In practice, when it is not feasible to collect a single DSM in all study centers, the choice for a specific confounding adjustment method may depend on the availability and type of DSM across centers. For multiple imputation and regression calibration, it is paramount that all centers have the alternative measure available. When that is not the case, the more modestly performing methods of standardization, two-stage analysis, and propensity score modeling may be best applicable. Although restriction resulted in least relative bias, it also yielded relatively imprecise estimates, which in practice could result in underpowered studies (which is unethical). Furthermore, in practice, studies may not want to restrict to a selection of sites based on the available DSM. As expected, the naive method, neglecting differences between APACHE IV and alternative scores, resulted in high relative bias, especially when APACHE IV score (range, 0–286) and APACHE II score (range, 0–72) were available (SAPS II score’s range is 0–163). In practice, when choosing between different methods to control for heterogeneously measured confounders for the analysis of a particular dataset, this choice could be supported by small focused simulation studies for which our simulation code could be used as a starting point. The ultimate approach would be to try and obtain a single DSM from all centers, preferably the one that is most informative for the outcome of interest and treatment decisions in practice.

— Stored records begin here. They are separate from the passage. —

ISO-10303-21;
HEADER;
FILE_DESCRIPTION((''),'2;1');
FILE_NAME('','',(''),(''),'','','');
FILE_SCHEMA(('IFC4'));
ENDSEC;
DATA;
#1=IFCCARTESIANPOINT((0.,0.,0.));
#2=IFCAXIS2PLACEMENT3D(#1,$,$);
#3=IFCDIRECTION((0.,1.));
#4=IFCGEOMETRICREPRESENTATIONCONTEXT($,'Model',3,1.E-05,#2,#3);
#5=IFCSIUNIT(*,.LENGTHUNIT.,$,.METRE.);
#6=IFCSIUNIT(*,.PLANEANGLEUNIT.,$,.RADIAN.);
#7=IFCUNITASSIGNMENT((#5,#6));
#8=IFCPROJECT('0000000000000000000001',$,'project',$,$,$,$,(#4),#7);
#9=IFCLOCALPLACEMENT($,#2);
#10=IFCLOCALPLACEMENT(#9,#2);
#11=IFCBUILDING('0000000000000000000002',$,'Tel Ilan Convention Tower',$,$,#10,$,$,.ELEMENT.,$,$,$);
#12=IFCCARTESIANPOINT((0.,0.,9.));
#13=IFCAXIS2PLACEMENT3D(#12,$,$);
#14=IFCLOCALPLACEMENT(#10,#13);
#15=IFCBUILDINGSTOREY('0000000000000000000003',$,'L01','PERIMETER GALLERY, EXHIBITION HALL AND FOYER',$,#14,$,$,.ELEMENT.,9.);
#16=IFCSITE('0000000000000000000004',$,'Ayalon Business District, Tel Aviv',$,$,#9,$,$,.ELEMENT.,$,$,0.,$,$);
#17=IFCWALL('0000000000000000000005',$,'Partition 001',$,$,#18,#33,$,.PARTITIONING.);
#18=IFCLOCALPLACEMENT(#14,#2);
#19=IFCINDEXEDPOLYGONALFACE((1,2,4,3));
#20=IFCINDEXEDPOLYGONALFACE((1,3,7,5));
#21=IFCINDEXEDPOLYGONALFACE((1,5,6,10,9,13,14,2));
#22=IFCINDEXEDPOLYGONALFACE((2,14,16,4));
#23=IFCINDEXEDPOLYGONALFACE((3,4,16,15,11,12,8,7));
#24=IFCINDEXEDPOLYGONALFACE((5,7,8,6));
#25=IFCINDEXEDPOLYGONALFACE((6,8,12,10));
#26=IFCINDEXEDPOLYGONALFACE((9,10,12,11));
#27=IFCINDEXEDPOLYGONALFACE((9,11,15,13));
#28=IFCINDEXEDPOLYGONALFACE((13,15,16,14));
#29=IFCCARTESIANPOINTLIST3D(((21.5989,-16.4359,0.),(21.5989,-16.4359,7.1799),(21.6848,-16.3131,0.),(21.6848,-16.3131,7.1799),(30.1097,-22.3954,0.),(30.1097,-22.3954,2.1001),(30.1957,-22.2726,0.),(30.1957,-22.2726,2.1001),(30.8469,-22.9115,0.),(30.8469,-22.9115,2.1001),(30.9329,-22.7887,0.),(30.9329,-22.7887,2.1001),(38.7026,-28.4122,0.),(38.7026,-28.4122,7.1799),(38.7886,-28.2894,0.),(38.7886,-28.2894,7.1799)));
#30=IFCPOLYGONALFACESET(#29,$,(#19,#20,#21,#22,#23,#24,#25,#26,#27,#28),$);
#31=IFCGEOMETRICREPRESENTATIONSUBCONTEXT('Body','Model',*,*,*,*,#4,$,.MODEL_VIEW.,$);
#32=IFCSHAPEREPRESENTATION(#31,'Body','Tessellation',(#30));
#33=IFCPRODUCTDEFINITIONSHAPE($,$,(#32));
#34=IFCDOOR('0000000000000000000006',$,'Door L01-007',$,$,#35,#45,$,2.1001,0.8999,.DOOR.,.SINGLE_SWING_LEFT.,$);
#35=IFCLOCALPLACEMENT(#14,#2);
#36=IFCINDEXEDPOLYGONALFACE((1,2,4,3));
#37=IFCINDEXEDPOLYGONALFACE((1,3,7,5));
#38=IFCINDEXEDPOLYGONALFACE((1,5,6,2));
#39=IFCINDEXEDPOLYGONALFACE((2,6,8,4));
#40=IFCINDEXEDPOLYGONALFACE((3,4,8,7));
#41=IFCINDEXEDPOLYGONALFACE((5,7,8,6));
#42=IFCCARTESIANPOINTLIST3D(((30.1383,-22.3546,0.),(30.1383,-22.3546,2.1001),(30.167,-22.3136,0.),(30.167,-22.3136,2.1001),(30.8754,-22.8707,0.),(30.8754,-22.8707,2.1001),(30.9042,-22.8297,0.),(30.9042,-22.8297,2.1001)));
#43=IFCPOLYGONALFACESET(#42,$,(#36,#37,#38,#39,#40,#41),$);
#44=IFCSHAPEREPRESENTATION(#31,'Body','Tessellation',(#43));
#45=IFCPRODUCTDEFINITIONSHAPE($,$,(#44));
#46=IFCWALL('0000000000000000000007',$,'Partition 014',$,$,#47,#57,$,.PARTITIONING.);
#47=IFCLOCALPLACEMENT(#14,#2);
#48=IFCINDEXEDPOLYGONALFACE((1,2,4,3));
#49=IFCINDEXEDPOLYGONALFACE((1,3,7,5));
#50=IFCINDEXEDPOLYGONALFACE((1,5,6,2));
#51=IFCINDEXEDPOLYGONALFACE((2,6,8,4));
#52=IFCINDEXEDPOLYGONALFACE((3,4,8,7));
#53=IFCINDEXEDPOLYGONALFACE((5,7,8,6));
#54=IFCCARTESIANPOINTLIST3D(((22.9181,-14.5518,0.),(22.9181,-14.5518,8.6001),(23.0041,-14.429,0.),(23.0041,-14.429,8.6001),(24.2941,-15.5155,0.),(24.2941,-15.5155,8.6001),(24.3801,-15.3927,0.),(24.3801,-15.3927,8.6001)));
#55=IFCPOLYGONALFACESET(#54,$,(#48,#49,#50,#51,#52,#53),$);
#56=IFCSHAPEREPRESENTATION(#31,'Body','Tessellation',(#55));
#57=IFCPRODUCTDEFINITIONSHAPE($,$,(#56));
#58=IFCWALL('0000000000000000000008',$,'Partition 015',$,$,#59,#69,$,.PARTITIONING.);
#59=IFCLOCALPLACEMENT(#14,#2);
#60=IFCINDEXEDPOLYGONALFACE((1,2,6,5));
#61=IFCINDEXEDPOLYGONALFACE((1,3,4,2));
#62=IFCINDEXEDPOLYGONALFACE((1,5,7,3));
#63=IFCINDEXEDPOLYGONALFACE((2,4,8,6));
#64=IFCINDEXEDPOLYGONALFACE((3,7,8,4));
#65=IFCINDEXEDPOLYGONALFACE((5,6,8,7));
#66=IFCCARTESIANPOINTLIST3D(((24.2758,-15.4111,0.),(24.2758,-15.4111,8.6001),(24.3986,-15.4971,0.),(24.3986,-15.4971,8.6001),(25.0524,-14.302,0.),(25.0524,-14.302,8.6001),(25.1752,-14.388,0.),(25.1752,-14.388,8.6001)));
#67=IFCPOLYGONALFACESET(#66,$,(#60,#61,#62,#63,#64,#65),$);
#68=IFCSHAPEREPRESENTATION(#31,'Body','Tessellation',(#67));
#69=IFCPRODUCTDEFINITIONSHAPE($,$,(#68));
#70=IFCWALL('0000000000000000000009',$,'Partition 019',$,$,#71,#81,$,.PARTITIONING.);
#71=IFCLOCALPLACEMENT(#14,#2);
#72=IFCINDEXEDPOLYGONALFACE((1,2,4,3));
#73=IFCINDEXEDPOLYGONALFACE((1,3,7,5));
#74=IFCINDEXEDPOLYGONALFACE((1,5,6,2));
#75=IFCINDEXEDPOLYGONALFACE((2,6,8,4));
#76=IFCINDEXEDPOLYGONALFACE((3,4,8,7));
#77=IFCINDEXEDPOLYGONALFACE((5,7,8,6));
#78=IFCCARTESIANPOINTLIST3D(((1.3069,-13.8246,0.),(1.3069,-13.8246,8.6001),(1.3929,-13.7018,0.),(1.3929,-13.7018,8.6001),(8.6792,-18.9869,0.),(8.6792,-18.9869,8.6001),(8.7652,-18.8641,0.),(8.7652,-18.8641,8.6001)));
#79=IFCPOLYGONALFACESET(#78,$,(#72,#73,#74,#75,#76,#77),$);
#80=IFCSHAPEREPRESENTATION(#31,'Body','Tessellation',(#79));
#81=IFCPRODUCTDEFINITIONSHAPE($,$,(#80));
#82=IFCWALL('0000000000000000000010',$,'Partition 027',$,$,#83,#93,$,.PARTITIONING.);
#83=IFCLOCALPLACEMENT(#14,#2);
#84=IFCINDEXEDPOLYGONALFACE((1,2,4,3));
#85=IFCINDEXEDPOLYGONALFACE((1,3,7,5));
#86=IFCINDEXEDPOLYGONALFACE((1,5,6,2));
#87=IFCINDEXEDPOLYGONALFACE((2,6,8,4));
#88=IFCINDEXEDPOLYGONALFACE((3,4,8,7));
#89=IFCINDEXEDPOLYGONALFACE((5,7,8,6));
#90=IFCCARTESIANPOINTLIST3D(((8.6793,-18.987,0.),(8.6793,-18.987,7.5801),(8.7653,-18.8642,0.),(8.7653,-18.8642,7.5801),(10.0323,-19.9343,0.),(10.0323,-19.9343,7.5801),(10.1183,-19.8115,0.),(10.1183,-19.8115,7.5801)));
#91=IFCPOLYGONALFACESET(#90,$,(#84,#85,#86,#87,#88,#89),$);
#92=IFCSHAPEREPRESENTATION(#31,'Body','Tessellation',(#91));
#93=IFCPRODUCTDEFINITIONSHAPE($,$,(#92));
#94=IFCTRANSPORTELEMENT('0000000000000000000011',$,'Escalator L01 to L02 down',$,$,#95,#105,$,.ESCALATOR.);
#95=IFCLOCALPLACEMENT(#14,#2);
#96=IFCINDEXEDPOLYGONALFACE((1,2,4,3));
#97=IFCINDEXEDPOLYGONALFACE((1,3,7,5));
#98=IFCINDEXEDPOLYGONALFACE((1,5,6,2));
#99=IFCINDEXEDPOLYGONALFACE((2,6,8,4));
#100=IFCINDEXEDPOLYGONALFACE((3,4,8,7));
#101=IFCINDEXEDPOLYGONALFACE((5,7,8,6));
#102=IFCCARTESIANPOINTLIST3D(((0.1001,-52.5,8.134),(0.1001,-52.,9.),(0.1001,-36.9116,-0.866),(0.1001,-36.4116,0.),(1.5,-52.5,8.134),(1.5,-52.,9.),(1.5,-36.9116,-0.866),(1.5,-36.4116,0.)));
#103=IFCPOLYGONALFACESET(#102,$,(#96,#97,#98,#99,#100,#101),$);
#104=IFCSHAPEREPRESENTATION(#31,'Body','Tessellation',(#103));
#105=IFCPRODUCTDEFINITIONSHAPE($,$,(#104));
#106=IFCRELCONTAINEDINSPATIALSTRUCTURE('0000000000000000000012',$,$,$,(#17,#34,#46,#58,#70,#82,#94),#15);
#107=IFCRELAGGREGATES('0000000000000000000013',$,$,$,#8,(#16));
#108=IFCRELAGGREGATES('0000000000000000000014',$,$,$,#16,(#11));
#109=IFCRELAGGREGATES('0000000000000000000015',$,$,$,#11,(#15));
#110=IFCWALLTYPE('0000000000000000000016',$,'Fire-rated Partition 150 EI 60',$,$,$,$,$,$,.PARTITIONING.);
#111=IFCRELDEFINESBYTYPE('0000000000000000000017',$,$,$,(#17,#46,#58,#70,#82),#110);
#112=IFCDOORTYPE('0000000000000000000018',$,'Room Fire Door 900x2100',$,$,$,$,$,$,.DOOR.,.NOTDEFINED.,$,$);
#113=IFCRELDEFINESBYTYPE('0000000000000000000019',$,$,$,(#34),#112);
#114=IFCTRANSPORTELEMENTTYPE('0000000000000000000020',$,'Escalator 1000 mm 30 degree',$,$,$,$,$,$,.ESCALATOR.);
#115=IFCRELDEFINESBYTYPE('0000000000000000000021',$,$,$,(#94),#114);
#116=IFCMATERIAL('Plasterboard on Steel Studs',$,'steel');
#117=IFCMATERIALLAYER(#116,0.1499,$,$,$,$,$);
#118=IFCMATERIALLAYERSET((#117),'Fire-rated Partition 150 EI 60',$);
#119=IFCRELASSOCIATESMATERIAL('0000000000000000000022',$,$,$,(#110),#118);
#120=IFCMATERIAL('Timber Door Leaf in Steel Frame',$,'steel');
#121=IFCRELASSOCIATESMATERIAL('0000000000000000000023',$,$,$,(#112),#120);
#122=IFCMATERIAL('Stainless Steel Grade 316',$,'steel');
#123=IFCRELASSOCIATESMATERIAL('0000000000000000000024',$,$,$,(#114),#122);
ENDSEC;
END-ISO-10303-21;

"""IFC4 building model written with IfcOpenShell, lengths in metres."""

from ifc_helpers import new_model, si_unit, direction, frame, frame_2d, origin, place, context, subcontext, project, spatial, polyline, rectangle, outline, extrude, material, layer, layer_set, type_object, element, fill, save


model = new_model("IFC4")

# Units and contexts
model_context = context("Model", 3, precision=1e-05, world=origin(), true_north=direction((0.0, 1.0)))
body_context = subcontext(model_context, "Body", "Model", "MODEL_VIEW")
ifc_project = project(units=[si_unit("LENGTHUNIT", "METRE"), si_unit("PLANEANGLEUNIT", "RADIAN")], contexts=[model_context])

# Site, building, storey
site_placement = place(None, origin())
site = spatial("IfcSite", under=ifc_project, at=site_placement, Name="Ayalon Business District, Tel Aviv", CompositionType="ELEMENT", RefElevation=0.0)
building_placement = place(site_placement, origin())
building = spatial("IfcBuilding", under=site, at=building_placement, Name="Tel Ilan Convention Tower", CompositionType="ELEMENT")
storey_placement = place(building_placement, frame((0.0, 0.0, 9.0)))
storey = spatial("IfcBuildingStorey", under=building, at=storey_placement, Name="L01", Description="PERIMETER GALLERY, EXHIBITION HALL AND FOYER", CompositionType="ELEMENT", Elevation=9.0)

# Wall, opening, door
ifc_material_1 = material(Name="Plasterboard on Steel Studs", Category="steel")
ifc_layer_1 = layer(ifc_material_1, 0.1499)
ifc_layer_set_1 = layer_set([ifc_layer_1], Name="Fire-rated Partition 150 EI 60")
wall_type_1 = type_object("IfcWallType", Name="Fire-rated Partition 150 EI 60", PredefinedType="PARTITIONING", material=ifc_layer_set_1)
wall_1_placement = place(storey_placement, frame((21.6418, -16.3745, 0.0), z_axis=(0.0, 0.0, 1.0), x_axis=(0.819149, -0.573581, 0.0)))
wall_1 = element("IfcWall", 1, at=wall_1_placement, inside=storey, type_object=wall_type_1, Name="Partition 001", PredefinedType="PARTITIONING", context=body_context, shape_type="SweptSolid", body=[
    extrude(rectangle(XDim=20.8799, YDim=0.1499, at=frame_2d((10.4399, 0.0))), origin(), (0.0, 0.0, 1.0), 7.1799),
])
opening_1_placement = place(wall_1_placement, frame((10.3899, 0.0, 0.0)))
opening_1 = element("IfcOpeningElement", 2, at=opening_1_placement, cuts=wall_1, PredefinedType="OPENING", context=body_context, shape_type="SweptSolid", body=[
    extrude(rectangle(XDim=0.8999, YDim=2.1001, at=frame_2d((0.45, 1.05))), frame((0.0, 0.085, 0.0), z_axis=(0.0, -1.0, 0.0), x_axis=(1.0, 0.0, 0.0)), (0.0, 0.0, 1.0), 0.1699),
])
ifc_material_2 = material(Name="Timber Door Leaf in Steel Frame", Category="steel")
door_type_1 = type_object("IfcDoorType", Name="Room Fire Door 900x2100", OperationType="NOTDEFINED", PredefinedType="DOOR", material=ifc_material_2)
door_1_placement = place(opening_1_placement, origin())
door_1 = element("IfcDoor", 3, at=door_1_placement, inside=storey, type_object=door_type_1, Name="Door L01-007", OperationType="SINGLE_SWING_LEFT", OverallHeight=2.1001, OverallWidth=0.8999, PredefinedType="DOOR", context=body_context, shape_type="SweptSolid", body=[
    extrude(rectangle(XDim=0.8999, YDim=2.1001, at=frame_2d((0.45, 1.05))), frame((0.0, 0.0249, 0.0), z_axis=(0.0, -1.0, 0.0), x_axis=(1.0, 0.0, 0.0)), (0.0, 0.0, 1.0), 0.05),
])
fill(opening_1, door_1)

To the best of our knowledge, this is the first study to assess different modeling methods for confounding adjustment when different DSMs are available from different centers. Our results may help investigators of multicenter studies and individual participant data meta-analysis in the field of Intensive Care Medicine to design the statistical analysis when confounding adjustment is needed. Future research could compare these same methods in different datasets that may be smaller, have more measurement error, have heterogeneity in treatment effects, or have different DSMs available. In addition, investigators may focus on the performance of combinations of methods to most effectively adjust for confounding.